Да, шизотипические дефензивные пациенты (и мужчины, и женщины) — нередко по природе своей «снегурочки». Они не способны к остро чувственным, страстным любовным переживаниям (или способны лишь по временам), но платонически влюбляются, и нежные, теплые прикосновения оживляют их влюбленность. В нашем Театре в игре, танцах они благодарны друг другу за эти прикосновения, как и за всякое оживление, «собирание» разлаженно-напряженной души. В отличие от, например, строгих шизоидных пациентов. Когда один из наших молодых шизотипических дефензивов в сценке из смешной «Клубнички»[145] по роли погладил по коленке тоже молодую дефензивно-шизоидную незамужнюю женщину, она так обиделась, что больше не пришла в Театр.

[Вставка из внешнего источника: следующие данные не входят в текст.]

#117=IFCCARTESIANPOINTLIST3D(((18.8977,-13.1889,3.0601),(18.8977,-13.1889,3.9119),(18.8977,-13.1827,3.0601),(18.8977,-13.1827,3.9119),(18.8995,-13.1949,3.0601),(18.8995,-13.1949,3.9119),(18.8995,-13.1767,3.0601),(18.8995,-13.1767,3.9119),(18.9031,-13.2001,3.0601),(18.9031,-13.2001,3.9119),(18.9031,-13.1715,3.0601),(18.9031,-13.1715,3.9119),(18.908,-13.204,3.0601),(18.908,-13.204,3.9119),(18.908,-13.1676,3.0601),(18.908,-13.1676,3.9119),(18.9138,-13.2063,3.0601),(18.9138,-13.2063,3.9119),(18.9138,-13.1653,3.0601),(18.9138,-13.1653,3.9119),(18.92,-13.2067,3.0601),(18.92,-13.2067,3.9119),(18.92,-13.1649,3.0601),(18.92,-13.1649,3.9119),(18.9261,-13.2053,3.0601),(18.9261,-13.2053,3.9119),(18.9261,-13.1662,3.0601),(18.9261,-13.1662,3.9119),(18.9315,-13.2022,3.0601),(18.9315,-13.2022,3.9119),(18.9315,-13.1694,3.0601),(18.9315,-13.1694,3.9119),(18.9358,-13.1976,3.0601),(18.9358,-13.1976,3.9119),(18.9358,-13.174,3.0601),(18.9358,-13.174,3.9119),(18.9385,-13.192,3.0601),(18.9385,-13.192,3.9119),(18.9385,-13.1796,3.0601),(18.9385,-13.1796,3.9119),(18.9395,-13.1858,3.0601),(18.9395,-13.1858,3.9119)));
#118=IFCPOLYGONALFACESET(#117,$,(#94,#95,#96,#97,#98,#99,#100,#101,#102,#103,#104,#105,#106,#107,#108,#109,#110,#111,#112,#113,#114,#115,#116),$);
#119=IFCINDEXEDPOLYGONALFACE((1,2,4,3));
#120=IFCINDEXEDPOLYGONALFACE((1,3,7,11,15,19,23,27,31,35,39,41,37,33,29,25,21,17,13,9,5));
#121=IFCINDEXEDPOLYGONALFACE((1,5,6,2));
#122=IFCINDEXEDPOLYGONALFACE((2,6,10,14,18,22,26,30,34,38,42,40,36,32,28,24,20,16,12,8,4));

Шизотипические пациенты-актеры, узнав об этом, вспомнили, что, верно, Лена как-то «выпадала» из нашего сообщества, она другая. Они-то сами, повторяю, благодарны Театру за всякое смягчение (и прикосновением тоже) их напряженной вялости. Они радуются, когда удается хоть что-то почувствовать. Когда благодаря этому немного расцветают в Театре. Ведь им часто и негде больше такое почувствовать. Вот в тоскливо-застывшей тревоге Юлия (39ж, 1е) жалуется мне после репетиции: «Я опять сегодня ничего не чувствовала. Сережа так нежно обнимал меня, а я не чувствовала...» Юлии хочется просто чувствовать, испытывать радость теплых человеческих отношений, не размытую деперсонализацией. Ей не нужны «страсти-мордасти». Не нужна часто и семейная жизнь с ее заботами, бытом, жизнь, в которой, как ей думается (или уже убедилась), растеряется, станет залеживаться на диване, обрушиваться на мужа депрессивными истериками. Ей нужен наш Театр-сообщество, наше братство по пятницам, встречи с «нашими ребятами» вне амбулатории (но лишь по временам), телефонные разговоры с ними. «Наши ребята » вытаскивают друг друга на загородные прогулки, в музеи и продолжают там по-нашему (элементы ТТС) учиться чувствовать, а значит, жить.